On the demand side, oil demand is price inelastic according to economists. What this means is that slight changes in supply and demand can produce wide variations in price. Why are we seeing these low prices? The answer is this: People and businesses consume fuel. If oil supply is tight, we still need fuel to drive our cars and do other things that consume fuel and we will pay any amount specified at the pump to get it. If the supply of oil is surplus, we don’t need much more fuel that we are buying, therefore, we will have to be incentivised more by way of huge price discounts before we can buy more. This is what is happening in the world oil market. Supply and demand have unexpectedly expanded the global surplus, thus reducing prices. In addition, the worlds largest consumers of fossil fuel have developed betters cars that are using less gasoline per kilometre, efficient hybrids, and cars that runs on ethanol. Weaker than predicted global economic growth has also depressed demand, especially in China. 93 million barrels is produced per day throughout the world, with the capacity for two million barrels more.

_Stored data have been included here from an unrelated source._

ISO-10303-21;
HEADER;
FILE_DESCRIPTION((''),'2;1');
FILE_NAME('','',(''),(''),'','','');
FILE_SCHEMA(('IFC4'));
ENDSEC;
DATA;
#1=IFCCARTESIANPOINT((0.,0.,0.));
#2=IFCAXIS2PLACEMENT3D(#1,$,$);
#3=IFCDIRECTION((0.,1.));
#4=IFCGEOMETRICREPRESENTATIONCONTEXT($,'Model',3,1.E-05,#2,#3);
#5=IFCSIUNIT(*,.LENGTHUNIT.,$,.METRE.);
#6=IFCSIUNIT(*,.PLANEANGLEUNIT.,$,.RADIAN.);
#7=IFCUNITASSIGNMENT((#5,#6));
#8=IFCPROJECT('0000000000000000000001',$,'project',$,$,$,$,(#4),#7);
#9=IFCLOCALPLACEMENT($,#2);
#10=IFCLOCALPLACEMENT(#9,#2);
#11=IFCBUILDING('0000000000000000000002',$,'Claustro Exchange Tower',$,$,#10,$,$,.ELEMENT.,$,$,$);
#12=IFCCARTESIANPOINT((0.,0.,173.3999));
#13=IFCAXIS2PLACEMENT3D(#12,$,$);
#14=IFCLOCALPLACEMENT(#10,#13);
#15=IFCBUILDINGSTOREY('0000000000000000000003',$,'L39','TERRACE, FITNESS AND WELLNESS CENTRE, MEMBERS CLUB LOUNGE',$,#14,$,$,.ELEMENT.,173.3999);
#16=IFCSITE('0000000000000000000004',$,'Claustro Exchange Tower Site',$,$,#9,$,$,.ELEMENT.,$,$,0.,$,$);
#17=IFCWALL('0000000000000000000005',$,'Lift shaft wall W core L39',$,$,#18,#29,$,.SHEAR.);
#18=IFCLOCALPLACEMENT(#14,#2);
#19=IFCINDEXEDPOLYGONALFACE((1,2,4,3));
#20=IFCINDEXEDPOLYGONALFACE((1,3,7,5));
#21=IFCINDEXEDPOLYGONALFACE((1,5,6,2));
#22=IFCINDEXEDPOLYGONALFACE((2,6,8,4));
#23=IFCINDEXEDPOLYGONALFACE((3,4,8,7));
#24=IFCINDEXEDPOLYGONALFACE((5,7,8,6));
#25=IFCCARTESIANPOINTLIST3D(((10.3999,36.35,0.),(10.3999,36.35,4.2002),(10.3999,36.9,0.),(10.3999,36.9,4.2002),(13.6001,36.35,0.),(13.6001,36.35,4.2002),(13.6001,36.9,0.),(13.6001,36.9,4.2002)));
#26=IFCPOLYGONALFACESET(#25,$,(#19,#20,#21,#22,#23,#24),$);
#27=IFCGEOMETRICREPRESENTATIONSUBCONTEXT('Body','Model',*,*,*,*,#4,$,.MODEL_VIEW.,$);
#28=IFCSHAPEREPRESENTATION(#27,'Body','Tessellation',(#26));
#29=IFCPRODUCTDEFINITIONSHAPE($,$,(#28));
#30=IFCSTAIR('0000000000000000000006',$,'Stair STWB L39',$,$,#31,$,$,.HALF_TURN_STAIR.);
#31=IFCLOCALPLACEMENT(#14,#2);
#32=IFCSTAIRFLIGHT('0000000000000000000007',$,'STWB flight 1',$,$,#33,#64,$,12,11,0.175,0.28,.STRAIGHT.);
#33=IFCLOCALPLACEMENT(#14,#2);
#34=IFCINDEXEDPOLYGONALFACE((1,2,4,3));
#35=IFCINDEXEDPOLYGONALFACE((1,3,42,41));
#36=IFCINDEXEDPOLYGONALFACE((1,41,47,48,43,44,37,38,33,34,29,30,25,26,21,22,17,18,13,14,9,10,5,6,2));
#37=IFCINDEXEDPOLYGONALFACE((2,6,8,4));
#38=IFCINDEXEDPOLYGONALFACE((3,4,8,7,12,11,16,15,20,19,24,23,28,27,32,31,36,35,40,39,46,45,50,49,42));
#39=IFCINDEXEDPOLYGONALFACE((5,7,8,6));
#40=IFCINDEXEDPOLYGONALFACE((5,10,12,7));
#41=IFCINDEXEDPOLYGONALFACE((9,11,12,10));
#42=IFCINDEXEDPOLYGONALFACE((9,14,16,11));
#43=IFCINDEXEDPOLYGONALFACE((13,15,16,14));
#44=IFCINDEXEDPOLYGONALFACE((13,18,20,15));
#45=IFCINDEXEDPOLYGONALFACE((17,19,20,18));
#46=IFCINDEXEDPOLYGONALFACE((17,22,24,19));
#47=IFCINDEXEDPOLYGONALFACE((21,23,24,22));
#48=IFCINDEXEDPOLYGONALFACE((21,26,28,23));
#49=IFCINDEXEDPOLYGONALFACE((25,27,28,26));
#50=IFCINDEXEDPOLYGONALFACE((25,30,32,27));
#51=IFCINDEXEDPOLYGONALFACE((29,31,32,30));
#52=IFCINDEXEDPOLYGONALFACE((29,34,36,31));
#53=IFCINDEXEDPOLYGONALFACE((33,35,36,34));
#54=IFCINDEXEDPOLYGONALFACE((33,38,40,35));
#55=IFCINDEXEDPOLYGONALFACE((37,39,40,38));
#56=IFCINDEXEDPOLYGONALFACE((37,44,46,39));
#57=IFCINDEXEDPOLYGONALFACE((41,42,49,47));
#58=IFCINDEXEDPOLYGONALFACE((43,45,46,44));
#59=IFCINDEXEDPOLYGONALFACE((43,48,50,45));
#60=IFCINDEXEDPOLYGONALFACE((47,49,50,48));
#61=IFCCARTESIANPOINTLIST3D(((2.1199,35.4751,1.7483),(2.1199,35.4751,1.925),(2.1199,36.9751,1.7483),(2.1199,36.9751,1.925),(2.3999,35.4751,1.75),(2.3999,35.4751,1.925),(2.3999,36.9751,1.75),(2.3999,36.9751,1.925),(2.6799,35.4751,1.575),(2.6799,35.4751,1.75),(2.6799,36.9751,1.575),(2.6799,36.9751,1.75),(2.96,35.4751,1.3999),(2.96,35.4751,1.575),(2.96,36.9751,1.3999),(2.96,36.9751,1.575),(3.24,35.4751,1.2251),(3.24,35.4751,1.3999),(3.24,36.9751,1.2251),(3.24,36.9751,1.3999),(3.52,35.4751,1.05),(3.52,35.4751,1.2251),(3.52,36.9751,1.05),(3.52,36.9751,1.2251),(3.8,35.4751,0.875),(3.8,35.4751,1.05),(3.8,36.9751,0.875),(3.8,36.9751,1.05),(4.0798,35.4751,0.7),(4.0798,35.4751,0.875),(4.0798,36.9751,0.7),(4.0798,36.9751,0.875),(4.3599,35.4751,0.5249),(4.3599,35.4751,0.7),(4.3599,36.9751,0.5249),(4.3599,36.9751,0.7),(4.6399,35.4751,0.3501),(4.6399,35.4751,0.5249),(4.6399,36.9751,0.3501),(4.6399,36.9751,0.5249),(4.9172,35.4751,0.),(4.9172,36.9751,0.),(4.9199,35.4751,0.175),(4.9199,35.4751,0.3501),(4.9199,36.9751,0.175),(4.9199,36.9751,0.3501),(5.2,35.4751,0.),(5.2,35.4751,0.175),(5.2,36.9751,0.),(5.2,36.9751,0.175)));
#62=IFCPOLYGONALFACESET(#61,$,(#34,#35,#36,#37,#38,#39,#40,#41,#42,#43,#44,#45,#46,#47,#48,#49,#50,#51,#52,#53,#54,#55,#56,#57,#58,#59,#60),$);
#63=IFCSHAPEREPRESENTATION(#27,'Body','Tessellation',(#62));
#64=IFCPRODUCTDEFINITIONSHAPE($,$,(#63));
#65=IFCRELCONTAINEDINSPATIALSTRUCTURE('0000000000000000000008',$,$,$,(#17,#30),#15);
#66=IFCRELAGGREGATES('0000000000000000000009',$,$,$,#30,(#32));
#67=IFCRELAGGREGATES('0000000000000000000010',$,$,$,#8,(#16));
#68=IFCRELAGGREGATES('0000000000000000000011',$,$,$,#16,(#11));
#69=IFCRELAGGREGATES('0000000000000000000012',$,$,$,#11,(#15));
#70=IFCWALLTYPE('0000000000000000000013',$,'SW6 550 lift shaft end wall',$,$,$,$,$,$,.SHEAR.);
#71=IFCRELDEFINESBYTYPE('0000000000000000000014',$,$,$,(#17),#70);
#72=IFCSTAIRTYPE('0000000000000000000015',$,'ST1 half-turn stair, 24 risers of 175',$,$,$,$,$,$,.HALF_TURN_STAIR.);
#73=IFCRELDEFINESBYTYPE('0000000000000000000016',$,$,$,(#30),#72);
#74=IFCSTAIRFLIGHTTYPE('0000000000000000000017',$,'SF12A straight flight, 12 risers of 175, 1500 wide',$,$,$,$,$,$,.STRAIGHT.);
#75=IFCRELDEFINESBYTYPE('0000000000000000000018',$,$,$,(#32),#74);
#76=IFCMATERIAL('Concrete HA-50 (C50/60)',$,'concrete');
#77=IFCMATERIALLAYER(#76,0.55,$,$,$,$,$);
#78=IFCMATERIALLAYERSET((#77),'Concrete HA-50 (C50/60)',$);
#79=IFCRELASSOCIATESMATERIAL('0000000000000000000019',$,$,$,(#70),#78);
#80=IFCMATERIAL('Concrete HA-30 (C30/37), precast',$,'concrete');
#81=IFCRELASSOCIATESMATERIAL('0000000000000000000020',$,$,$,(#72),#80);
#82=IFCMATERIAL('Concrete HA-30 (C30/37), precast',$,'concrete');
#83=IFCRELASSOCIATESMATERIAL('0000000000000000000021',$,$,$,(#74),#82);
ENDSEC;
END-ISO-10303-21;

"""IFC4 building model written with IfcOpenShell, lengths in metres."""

from ifc_helpers import new_model, si_unit, direction, frame, frame_2d, origin, place, context, subcontext, project, spatial, polyline, rectangle, outline, extrude, material, layer, layer_set, type_object, element, aggregate, save


model = new_model("IFC4")

# Units and contexts
model_context = context("Model", 3, precision=1e-05, world=origin(), true_north=direction((0.0, 1.0)))
body_context = subcontext(model_context, "Body", "Model", "MODEL_VIEW")
ifc_project = project(units=[si_unit("LENGTHUNIT", "METRE"), si_unit("PLANEANGLEUNIT", "RADIAN")], contexts=[model_context])

# Site, building, storey
site_placement = place(None, origin())
site = spatial("IfcSite", under=ifc_project, at=site_placement, Name="Claustro Exchange Tower Site", CompositionType="ELEMENT", RefElevation=0.0)
building_placement = place(site_placement, origin())
building = spatial("IfcBuilding", under=site, at=building_placement, Name="Claustro Exchange Tower", CompositionType="ELEMENT")
storey_placement = place(building_placement, frame((0.0, 0.0, 173.3999)))
storey = spatial("IfcBuildingStorey", under=building, at=storey_placement, Name="L39", Description="TERRACE, FITNESS AND WELLNESS CENTRE, MEMBERS CLUB LOUNGE", CompositionType="ELEMENT", Elevation=173.3999)

# Wall
ifc_material_1 = material(Name="Concrete HA-50 (C50/60)", Category="concrete")
ifc_layer_1 = layer(ifc_material_1, 0.55)
ifc_layer_set_1 = layer_set([ifc_layer_1], Name="Concrete HA-50 (C50/60)")
wall_type_1 = type_object("IfcWallType", Name="SW6 550 lift shaft end wall", PredefinedType="SHEAR", material=ifc_layer_set_1)
wall_1_placement = place(storey_placement, frame((10.3999, 36.625, 0.0), z_axis=(0.0, 0.0, 1.0), x_axis=(1.0, 0.0, 0.0)))
element("IfcWall", 1, at=wall_1_placement, inside=storey, type_object=wall_type_1, Name="Lift shaft wall W core L39", PredefinedType="SHEAR", context=body_context, shape_type="SweptSolid", body=[
    extrude(rectangle(XDim=3.2002, YDim=0.55, at=frame_2d((1.6001, 0.0))), origin(), (0.0, 0.0, 1.0), 4.2002),
])

# Stair, stair flight
ifc_material_2 = material(Name="Concrete HA-30 (C30/37), precast", Category="concrete")
stair_type = type_object("IfcStairType", Name="ST1 half-turn stair, 24 risers of 175", PredefinedType="HALF_TURN_STAIR", material=ifc_material_2)
stair_placement = place(storey_placement, origin())
stair = element("IfcStair", 2, at=stair_placement, inside=storey, type_object=stair_type, Name="Stair STWB L39", PredefinedType="HALF_TURN_STAIR")
ifc_material_3 = material(Name="Concrete HA-30 (C30/37), precast", Category="concrete")
stair_flight_type = type_object("IfcStairFlightType", Name="SF12A straight flight, 12 risers of 175, 1500 wide", PredefinedType="STRAIGHT", material=ifc_material_3)
stair_flight_placement = place(storey_placement, frame((5.2, 36.2251, 0.0), z_axis=(0.0, 0.0, 1.0), x_axis=(-1.0, 0.0, 0.0)))
stair_flight = element("IfcStairFlight", 3, at=stair_flight_placement, type_object=stair_flight_type, Name="STWB flight 1", NumberOfRisers=12, NumberOfTreads=11, PredefinedType="STRAIGHT", RiserHeight=0.175, TreadLength=0.28, context=body_context, shape_type="SweptSolid", body=[
    extrude(outline(polyline([(0.0, 0.0), (0.0, 0.175), (0.28, 0.175), (0.28, 0.3501), (0.5601, 0.3501), (0.5601, 0.5249), (0.8401, 0.5249), (0.8401, 0.7), (1.1201, 0.7), (1.1201, 0.875), (1.3999, 0.875), (1.3999, 1.05), (1.6799, 1.05), (1.6799, 1.2251), (1.96, 1.2251), (1.96, 1.3999), (2.24, 1.3999), (2.24, 1.575), (2.52, 1.575), (2.52, 1.75), (2.8, 1.75), (2.8, 1.925), (3.0801, 1.925), (3.0801, 2.1001), (3.0801, 1.7483), (0.2827, 0.0), (0.0, 0.0)])), frame((0.0, 0.75, 0.0), z_axis=(0.0, -1.0, 0.0), x_axis=(1.0, 0.0, 0.0)), (0.0, 0.0, 1.0), 1.5),
])
aggregate(stair, [stair_flight])

save(model, "model.ifc")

What does this mean for Nigeria? The drop in oil prices is expected by many analysts to have a prolonged permanent component. Given this scenario, Nigeria will need to make tremendous fiscal adjustments on how the country is run. In addition to declining oil receipts, we must be cognisant that we have no buffers. This means we face fiscal vulnerabilities that require a flexible exchange rate regime to facilitate adjustment. Our monetary policy response will have to be tailored to fit expected inflation rates, domestic cyclicals and external pressures. There is no doubt that Nigeria will come under heavy financial strains, but with President Buhari at the helm, this could well be our best chance at formulating new macroprudential policy frameworks for Nigeria and the strengthening of our institutions. The plunging oil prices underscores the need for real and financial sector reforms to foster diversification of oil Nigeria’s economy. Brace up!